A high school football coach in Illinois has made a miraculous recovery from being “clinically dead” for 12 minutes earlier this summer. Some six weeks later, he’s back on the field and is expected to be on the sidelines for his team’s season opener Friday.
As reported by Chicago ABC affiliate WLS, Oak Park & River Forest (OPRF) coach John Hoerster suffered a major heart attack while on vacation with his family in North Carolina. The incident included a 12-minute span when his heart was legally stopped, meaning he was clinically dead before being brought back to life.
Luckily, the cousin-in-law of Hoerster’s wife is trained in emergency life-saving techniques and sprang into action when the coach collapsed, performing CPR until medical help arrived.

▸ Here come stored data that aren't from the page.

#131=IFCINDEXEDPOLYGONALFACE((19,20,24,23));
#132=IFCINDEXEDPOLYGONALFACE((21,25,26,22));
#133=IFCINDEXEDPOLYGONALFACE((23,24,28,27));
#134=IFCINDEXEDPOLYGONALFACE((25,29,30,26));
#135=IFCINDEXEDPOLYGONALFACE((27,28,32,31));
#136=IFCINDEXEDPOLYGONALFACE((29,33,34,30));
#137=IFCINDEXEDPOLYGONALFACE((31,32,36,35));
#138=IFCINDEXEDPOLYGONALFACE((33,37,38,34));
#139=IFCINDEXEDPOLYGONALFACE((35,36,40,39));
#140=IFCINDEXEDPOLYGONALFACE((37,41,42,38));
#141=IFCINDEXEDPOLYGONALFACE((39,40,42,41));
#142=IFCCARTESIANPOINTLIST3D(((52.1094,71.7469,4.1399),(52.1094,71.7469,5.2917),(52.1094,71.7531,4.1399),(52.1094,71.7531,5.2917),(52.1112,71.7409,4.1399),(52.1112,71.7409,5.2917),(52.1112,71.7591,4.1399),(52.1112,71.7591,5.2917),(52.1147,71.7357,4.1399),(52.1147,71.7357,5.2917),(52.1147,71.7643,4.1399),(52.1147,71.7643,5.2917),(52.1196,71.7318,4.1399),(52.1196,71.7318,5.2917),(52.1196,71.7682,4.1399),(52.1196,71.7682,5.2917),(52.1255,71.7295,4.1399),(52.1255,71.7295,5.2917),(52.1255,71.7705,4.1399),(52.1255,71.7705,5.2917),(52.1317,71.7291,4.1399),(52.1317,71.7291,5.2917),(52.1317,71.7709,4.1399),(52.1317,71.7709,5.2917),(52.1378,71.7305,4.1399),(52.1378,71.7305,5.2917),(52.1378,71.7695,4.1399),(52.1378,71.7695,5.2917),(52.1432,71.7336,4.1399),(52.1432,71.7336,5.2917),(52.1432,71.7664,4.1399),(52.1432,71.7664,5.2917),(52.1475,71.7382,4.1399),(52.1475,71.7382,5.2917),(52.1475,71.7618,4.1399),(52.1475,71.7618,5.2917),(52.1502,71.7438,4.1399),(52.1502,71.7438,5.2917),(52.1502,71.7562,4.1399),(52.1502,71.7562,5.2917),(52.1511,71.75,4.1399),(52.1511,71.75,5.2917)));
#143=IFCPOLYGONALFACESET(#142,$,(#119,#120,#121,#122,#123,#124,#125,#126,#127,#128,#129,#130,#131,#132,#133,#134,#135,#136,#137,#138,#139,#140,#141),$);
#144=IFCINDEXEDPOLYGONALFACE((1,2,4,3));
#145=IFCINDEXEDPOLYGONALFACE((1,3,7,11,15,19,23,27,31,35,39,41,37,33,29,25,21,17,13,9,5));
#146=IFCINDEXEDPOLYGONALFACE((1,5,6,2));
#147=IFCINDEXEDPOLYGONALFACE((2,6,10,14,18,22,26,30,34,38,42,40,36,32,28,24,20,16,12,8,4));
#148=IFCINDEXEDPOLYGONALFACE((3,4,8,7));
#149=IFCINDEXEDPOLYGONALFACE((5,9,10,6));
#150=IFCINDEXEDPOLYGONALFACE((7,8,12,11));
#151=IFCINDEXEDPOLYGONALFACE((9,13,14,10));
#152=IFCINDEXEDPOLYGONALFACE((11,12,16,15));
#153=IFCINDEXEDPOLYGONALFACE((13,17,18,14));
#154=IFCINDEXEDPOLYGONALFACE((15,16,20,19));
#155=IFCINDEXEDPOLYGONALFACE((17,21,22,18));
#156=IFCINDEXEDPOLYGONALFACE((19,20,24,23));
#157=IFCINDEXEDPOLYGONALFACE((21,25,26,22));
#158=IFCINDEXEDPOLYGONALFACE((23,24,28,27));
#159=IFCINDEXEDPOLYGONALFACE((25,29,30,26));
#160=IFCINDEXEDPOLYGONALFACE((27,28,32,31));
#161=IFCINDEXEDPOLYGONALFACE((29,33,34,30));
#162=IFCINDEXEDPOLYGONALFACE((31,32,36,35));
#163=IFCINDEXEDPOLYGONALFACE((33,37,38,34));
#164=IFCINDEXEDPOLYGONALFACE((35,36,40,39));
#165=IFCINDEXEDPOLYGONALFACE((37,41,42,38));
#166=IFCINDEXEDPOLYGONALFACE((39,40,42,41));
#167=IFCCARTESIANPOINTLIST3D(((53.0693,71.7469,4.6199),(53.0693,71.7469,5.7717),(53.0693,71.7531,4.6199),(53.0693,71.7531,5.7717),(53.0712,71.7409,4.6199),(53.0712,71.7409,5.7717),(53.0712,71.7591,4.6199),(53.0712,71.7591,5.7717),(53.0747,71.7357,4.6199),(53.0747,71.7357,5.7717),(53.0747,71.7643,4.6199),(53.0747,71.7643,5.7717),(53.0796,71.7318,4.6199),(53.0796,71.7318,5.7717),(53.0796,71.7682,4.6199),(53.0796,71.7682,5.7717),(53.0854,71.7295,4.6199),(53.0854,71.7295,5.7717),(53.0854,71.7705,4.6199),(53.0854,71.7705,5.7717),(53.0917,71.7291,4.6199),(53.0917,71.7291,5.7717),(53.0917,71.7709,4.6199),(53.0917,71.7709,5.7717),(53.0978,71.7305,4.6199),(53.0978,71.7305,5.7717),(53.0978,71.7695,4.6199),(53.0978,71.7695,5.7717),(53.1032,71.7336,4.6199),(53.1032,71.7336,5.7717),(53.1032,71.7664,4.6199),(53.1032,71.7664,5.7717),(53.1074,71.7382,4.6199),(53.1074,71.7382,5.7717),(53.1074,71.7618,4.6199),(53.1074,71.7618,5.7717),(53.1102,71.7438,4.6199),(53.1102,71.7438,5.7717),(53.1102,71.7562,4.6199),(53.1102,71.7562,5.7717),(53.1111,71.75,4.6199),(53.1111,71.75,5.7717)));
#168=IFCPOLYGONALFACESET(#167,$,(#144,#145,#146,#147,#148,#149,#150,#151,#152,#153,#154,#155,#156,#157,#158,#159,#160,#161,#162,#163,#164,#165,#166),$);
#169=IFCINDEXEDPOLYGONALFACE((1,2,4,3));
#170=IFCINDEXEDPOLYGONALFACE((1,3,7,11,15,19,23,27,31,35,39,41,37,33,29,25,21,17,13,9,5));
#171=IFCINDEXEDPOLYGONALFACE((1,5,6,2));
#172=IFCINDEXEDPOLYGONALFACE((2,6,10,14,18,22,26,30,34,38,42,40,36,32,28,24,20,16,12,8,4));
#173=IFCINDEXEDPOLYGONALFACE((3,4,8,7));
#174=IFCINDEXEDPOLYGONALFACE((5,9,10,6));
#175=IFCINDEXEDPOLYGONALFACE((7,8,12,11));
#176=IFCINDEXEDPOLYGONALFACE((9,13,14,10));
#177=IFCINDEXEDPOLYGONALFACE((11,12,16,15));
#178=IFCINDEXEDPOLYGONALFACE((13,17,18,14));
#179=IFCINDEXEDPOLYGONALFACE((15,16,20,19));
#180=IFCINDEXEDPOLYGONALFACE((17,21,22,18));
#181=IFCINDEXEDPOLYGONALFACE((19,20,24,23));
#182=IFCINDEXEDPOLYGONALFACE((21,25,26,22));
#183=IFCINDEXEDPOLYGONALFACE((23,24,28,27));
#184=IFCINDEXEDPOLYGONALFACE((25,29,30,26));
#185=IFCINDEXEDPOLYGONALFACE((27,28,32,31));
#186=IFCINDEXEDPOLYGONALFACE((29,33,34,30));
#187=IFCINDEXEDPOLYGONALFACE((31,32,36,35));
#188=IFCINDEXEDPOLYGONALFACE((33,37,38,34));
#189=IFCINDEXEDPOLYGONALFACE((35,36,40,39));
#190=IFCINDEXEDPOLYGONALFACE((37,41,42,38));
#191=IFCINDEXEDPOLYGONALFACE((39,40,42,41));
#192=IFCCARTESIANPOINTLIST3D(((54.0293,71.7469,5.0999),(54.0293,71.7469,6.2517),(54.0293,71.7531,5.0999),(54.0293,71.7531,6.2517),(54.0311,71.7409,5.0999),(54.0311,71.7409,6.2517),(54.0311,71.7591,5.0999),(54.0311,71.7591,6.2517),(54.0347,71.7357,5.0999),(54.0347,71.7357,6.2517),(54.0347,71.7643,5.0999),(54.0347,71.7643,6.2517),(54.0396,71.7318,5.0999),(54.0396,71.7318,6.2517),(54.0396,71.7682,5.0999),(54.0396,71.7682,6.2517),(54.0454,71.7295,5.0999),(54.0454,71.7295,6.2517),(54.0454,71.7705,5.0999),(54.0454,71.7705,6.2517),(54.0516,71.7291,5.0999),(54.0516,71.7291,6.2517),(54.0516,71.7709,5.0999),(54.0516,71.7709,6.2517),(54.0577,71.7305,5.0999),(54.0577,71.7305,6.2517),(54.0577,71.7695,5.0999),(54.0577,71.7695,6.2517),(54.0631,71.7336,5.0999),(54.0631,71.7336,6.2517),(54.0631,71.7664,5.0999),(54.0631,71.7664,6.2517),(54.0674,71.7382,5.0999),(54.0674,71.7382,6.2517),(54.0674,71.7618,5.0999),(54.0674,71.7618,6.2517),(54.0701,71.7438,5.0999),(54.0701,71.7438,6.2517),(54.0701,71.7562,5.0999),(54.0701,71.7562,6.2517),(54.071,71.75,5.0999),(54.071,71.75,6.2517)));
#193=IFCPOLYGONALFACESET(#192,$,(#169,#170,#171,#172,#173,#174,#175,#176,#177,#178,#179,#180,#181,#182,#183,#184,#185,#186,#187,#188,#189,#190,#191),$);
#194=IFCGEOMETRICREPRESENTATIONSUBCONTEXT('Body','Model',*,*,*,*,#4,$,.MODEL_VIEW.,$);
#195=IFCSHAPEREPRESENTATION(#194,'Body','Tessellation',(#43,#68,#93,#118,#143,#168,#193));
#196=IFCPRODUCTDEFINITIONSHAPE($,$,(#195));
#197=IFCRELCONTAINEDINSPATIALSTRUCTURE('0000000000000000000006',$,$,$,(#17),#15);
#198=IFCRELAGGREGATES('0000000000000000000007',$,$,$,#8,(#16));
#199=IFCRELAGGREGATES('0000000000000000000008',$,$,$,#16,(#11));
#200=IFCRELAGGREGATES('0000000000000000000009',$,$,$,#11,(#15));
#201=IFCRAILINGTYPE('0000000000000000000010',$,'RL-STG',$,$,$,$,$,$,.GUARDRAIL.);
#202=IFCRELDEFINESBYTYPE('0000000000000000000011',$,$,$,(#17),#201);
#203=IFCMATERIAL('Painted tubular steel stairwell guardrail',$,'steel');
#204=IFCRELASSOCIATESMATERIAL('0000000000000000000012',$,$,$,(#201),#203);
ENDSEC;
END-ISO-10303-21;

Hoerster was airlifted to a local hospital where he was treated and, somehow, made a complete recovery.
“The frightening part of the incident I didn’t have to experience,” Hoerster told WLS. “It was afterward, and seeing everybody and talking to people and kind of understanding the gravity of the situation when it kind of sunk in.

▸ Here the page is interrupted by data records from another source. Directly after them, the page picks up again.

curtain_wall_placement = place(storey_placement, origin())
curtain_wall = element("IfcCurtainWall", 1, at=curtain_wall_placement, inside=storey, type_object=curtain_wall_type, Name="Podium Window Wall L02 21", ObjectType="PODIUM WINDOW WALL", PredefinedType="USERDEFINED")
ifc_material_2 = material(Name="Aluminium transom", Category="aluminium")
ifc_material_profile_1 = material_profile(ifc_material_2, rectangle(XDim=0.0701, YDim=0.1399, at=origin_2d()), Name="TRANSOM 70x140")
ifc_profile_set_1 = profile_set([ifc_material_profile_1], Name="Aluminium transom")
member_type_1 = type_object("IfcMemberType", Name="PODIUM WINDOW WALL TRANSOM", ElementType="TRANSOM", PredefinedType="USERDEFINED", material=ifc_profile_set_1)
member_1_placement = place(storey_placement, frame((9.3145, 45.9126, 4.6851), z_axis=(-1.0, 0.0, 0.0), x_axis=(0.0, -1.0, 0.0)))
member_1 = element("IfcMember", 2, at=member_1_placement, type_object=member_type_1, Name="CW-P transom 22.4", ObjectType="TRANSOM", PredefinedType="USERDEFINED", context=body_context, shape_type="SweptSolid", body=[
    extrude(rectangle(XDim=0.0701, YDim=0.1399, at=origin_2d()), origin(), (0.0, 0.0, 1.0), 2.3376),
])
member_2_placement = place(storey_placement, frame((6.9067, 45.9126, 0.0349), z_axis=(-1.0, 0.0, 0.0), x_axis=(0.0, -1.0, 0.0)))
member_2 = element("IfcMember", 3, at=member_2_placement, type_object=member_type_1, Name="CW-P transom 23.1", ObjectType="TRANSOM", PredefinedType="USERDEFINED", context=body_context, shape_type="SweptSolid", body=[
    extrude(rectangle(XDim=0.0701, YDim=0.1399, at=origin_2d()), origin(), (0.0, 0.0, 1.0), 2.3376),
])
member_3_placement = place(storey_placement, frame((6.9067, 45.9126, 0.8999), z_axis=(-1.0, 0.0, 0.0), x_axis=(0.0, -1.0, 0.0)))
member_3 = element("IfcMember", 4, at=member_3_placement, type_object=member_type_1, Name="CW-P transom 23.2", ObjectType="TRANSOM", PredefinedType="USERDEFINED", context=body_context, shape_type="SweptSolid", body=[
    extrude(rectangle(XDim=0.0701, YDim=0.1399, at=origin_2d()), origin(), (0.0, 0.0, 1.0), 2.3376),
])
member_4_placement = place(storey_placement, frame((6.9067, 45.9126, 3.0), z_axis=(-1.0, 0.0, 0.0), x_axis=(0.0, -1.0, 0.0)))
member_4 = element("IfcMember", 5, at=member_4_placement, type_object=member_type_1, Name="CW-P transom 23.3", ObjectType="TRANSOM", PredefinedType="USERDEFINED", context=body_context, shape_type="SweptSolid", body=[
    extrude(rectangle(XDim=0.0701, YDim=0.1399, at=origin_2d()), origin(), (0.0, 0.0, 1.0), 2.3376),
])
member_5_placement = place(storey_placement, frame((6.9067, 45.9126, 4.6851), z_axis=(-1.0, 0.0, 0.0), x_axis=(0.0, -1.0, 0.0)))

“I went down in a great place where I had people around me who knew CPR and were able to start it right away, because that really is the key to surviving this.”
The family member who performed the life-saving intervention said he was prepared, then just let his instincts take over.
“I was absolutely in the moment. I don’t even remember what I was thinking,” Matt Giffhorn told the Oak Park Pioneer Press. “I sort of just started doing what I knew how to do.
“There’s also an element of it being a family member that makes it different. You know, rather than doing it in an ICU of a hospital, it’s on my cousin who I’d played golf with earlier that day.”
Hoerster told WLS that he was informed his chances of recovering without some degree of brain damage were about five percent. Apparently he likes to defy the odds, because he not only has made a complete recovery, he’s already prepared to lead the OPRF football team in its opener Friday against fellow suburban Chicago foe Waubonsie Valley.
“What I’ve been telling players, coaches on the staff, colleagues in the building, is that I’ll be back,” Hoerster, who teaches English at OPRF, told the Pioneer Press. “People don’t know what to expect, and quite frankly, neither did I. But I’ll be back, coaching football, teaching in the classroom. The big thing I keep saying is that this is a slight stumbling block. It’s scary as anything can be, but I’ll get through this.
“I feel immensely fortunate. When I finally get healed up, when I get the green light to start working out again, it’s basically like I traded in an old car for a brand-new Ferrari. I’ve been working out for years with a heart that’s had to work overtime because the arteries haven’t been clean. I think I’ll be in the best shape of my life soon.”
That would certainly complete a truly remarkable recovery, in warp speed at that.